Department of Health Policy and Management, Rollins School of Public Health, Emory University, Atlanta, GA 30322, USA.
Health Serv Res. 2012 Aug;47(4):1660-78. doi: 10.1111/j.1475-6773.2011.01365.x. Epub 2011 Dec 15.
Estimate the lifetime cost of dementia to Medicare and Medicaid.
1997-2005 Medicare Current Beneficiary Survey.
A multistage analysis was conducted to first predict the probability of developing dementia by age and then predict the annual Medicare/Medicaid expenditures conditional on dementia status. A cohort-based simulation was conducted to estimate the lifetime cost of dementia.
The average lifetime cost of dementia per patient for Medicare is approximately $12,000 (2005 dollars) and for Medicaid about $11,000. Dementia onset at older age leads to shorter duration and lower lifetime cost. Increased educational level leads to longer longevity, more dementia cases per cohort, but shorter duration, and lower lifetime cost per patient, which could offset the cost increase induced by more dementia cases. Increased body mass index leads to more dementia cases per cohort and higher lifetime cost per patient.
Net cost of dementia is lower than the estimates from cross-sectional studies. Promoting healthy lifestyle to reverse the obesity epidemic is a short-term priority to confront the epidemic of dementia in the near future.

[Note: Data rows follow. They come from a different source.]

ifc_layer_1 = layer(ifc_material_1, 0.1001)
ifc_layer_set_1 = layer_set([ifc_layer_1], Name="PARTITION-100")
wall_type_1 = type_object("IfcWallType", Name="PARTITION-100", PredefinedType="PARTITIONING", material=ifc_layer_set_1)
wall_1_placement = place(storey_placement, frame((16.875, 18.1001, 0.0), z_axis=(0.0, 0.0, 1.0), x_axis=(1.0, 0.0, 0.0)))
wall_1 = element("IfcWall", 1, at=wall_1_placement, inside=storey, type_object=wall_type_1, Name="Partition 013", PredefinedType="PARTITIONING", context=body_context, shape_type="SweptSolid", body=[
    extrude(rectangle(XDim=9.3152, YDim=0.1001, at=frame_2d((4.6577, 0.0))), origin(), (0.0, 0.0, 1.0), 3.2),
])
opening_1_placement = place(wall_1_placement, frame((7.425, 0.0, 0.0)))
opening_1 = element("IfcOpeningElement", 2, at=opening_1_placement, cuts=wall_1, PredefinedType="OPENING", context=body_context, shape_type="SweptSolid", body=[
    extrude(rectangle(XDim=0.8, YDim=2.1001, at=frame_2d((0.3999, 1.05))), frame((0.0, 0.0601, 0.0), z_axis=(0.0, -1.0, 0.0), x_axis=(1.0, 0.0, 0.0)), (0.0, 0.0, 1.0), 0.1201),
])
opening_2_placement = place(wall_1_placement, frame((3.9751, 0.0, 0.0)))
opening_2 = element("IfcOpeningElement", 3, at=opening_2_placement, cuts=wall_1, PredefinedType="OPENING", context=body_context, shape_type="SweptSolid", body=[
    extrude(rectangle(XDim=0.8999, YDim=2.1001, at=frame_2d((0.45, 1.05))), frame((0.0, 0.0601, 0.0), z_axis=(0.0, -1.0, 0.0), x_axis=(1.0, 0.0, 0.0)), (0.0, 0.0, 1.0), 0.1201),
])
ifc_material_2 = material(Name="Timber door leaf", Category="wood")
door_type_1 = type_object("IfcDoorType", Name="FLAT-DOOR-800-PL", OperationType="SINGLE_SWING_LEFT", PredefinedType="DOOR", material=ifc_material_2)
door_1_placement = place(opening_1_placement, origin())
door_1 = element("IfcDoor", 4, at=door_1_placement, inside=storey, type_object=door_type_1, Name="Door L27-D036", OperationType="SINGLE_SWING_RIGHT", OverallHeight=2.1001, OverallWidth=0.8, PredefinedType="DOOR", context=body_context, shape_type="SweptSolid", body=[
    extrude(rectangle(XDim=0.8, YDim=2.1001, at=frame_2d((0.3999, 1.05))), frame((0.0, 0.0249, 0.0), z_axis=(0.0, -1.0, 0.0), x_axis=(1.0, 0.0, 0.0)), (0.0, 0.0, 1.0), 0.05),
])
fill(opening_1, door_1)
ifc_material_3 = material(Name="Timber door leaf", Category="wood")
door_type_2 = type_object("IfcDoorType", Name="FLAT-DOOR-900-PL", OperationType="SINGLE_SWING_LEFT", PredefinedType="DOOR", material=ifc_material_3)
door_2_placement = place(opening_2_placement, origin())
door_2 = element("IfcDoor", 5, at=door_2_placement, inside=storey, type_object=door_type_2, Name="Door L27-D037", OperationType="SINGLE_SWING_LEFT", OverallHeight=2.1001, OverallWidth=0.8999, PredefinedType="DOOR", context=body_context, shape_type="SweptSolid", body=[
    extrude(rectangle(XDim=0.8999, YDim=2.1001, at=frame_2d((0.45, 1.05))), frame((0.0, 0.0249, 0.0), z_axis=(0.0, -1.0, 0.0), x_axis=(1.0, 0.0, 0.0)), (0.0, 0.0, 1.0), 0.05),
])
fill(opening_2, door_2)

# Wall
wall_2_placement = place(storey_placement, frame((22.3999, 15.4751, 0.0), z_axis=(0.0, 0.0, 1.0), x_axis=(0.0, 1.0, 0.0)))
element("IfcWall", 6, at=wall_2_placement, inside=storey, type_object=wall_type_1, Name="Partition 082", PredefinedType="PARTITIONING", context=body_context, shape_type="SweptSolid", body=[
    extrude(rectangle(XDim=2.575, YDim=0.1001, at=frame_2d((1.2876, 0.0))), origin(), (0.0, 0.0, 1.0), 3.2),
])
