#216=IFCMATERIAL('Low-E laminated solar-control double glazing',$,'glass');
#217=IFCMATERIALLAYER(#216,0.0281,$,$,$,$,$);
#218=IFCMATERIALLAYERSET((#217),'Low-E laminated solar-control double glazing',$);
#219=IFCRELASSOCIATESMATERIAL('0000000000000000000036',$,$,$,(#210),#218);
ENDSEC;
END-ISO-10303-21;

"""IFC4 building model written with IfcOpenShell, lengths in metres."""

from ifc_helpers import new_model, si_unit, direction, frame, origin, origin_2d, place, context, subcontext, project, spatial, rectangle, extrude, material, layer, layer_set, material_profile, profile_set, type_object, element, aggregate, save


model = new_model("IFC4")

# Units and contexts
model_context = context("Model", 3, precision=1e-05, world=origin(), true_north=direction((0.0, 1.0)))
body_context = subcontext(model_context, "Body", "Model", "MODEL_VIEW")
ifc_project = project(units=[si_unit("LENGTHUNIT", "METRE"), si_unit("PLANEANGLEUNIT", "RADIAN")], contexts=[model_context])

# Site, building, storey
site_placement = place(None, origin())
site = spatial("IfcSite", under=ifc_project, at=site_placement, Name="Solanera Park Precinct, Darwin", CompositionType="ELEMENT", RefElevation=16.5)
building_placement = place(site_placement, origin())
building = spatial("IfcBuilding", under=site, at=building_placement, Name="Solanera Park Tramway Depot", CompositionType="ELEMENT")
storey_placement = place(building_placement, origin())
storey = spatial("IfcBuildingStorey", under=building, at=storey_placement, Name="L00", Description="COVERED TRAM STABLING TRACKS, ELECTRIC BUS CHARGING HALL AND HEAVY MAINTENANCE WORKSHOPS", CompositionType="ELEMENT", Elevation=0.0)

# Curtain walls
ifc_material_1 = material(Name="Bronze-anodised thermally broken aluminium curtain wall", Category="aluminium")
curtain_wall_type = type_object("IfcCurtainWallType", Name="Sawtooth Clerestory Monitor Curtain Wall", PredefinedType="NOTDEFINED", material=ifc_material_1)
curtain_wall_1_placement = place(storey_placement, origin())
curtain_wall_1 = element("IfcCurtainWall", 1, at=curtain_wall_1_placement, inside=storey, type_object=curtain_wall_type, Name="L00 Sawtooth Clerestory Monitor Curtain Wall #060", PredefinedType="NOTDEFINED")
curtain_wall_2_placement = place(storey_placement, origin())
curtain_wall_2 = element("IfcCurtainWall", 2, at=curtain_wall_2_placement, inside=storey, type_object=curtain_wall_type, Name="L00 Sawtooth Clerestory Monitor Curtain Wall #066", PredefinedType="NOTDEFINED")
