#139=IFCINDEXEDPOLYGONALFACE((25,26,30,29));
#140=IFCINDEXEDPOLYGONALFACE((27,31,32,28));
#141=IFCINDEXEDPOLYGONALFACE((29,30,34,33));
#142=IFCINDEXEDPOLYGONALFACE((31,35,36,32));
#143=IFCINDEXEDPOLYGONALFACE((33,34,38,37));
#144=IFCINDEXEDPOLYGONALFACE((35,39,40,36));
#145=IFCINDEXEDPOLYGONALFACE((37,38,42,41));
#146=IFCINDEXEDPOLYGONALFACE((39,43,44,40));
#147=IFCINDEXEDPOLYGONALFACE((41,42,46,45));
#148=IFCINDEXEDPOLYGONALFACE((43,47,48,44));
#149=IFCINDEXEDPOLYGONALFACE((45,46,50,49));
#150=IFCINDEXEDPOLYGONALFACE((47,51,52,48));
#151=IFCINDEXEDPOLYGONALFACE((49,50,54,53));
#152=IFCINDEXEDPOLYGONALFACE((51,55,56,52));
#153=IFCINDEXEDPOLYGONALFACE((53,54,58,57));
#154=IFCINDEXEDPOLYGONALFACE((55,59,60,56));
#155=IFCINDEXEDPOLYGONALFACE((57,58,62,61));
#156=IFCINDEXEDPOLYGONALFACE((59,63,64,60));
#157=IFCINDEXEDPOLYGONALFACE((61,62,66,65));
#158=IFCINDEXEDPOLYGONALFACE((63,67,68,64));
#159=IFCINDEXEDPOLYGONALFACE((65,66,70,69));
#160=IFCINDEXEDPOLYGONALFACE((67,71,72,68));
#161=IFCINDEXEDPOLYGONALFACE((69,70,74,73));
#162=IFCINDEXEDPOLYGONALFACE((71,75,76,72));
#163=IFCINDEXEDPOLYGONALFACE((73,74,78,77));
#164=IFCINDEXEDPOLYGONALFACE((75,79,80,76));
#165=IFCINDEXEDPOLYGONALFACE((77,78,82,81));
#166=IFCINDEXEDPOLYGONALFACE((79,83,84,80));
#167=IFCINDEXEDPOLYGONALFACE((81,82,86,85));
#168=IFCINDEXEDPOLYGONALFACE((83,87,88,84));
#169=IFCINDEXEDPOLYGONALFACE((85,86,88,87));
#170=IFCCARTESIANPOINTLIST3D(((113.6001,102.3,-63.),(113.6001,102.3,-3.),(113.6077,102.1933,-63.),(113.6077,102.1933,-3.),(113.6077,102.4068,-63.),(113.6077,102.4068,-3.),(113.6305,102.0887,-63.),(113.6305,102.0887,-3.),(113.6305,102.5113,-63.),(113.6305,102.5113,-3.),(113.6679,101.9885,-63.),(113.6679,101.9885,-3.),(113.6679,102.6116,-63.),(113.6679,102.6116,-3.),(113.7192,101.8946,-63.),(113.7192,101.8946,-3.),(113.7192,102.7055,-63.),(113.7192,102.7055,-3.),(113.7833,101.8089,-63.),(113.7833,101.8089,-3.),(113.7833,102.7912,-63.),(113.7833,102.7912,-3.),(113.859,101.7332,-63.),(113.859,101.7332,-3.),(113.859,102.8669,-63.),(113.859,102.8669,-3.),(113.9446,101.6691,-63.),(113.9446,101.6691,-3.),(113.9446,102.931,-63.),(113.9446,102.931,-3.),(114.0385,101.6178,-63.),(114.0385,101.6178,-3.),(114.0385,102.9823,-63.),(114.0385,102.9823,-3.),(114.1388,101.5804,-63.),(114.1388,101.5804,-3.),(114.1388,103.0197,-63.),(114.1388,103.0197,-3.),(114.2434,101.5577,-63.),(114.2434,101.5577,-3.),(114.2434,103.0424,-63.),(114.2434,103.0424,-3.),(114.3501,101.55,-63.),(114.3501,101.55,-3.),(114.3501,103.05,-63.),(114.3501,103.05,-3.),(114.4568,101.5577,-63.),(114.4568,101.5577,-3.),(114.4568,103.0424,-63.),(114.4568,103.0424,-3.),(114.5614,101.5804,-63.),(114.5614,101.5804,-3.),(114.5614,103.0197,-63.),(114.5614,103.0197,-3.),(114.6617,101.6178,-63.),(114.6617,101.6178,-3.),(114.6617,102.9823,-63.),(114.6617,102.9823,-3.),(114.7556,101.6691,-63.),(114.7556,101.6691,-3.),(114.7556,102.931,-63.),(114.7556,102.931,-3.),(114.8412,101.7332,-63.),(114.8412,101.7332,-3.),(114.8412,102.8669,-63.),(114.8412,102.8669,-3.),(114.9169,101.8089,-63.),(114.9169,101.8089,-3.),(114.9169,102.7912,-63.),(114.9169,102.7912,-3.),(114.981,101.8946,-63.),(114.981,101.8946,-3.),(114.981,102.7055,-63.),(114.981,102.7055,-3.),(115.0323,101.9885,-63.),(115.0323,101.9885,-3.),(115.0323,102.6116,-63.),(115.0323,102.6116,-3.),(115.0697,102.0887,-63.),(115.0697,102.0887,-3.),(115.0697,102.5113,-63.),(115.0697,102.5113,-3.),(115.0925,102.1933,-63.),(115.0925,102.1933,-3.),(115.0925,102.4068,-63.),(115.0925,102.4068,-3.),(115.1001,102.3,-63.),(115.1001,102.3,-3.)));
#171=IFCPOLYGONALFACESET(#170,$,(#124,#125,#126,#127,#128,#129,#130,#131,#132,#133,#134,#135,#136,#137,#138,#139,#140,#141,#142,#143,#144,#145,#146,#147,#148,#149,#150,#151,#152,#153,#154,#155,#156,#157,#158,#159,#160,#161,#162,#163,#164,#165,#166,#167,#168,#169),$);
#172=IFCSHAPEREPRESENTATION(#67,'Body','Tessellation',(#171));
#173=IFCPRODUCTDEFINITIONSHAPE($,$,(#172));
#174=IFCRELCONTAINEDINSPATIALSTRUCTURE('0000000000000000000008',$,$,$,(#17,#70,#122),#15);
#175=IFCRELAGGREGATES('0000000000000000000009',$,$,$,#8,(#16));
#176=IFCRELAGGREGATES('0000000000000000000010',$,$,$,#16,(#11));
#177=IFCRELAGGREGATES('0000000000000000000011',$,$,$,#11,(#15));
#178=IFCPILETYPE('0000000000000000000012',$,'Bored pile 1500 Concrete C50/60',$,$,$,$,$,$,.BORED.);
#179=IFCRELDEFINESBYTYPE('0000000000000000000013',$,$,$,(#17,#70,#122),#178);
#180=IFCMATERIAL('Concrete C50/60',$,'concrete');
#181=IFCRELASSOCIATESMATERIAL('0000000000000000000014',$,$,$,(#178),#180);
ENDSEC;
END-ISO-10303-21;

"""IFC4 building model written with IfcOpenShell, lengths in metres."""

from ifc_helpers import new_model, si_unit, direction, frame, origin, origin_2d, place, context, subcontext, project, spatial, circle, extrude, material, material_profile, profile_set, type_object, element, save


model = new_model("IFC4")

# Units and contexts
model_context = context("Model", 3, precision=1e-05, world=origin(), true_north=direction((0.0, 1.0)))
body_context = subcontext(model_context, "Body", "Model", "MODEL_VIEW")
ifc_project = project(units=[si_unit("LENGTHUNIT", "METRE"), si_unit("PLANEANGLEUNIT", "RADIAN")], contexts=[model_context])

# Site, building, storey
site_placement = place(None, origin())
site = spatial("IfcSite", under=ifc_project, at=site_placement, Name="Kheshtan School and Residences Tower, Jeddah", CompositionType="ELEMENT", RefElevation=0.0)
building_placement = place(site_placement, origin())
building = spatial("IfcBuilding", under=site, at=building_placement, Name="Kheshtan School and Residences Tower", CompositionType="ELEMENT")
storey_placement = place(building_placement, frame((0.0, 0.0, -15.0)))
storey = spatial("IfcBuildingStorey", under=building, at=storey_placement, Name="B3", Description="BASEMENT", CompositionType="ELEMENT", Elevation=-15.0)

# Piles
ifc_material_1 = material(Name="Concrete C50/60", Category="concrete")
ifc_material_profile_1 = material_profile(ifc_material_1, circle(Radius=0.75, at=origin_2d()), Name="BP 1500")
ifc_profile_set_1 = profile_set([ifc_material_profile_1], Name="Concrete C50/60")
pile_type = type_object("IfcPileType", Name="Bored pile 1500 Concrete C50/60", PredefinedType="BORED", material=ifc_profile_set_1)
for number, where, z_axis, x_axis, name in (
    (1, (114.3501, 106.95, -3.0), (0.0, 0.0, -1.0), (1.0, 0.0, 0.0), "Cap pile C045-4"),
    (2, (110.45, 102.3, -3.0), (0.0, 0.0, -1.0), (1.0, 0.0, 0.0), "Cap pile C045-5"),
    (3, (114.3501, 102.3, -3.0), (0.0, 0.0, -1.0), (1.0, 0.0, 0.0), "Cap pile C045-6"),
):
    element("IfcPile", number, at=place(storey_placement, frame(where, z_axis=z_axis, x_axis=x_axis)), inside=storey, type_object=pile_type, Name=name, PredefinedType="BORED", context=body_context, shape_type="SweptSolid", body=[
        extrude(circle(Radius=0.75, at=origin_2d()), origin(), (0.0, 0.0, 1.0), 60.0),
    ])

Promoting higher education among the younger generation is a long-term priority to mitigate the effect of population aging on the dementia epidemic in the distant future.
估算医疗保险和医疗补助计划中痴呆症的终身成本。
1997-2005 年医疗保险当前受益人调查。
采用多阶段分析方法,首先按年龄预测痴呆症的发病概率,然后预测痴呆症状态下的年度医疗保险/医疗补助支出。采用基于队列的模拟方法来估算痴呆症的终身成本。
每位 Medicare 患者的痴呆症终身平均成本约为 12000 美元(2005 年美元),每位 Medicaid 患者的痴呆症终身平均成本约为 11000 美元。年龄较大时出现痴呆症会导致持续时间更短,终身成本更低。教育水平的提高会导致更长的寿命、每批队列中更多的痴呆病例,但持续时间更短,每位患者的终身成本更低,这可能会抵消更多痴呆病例带来的成本增加。体重指数的增加会导致每批队列中更多的痴呆病例和每位患者更高的终身成本。
痴呆症的净成本低于横断面研究的估计。推广健康的生活方式以扭转肥胖流行是应对近期痴呆症流行的短期优先事项。在年轻一代中推广更高的教育是减轻人口老龄化对未来痴呆症流行影响的长期优先事项。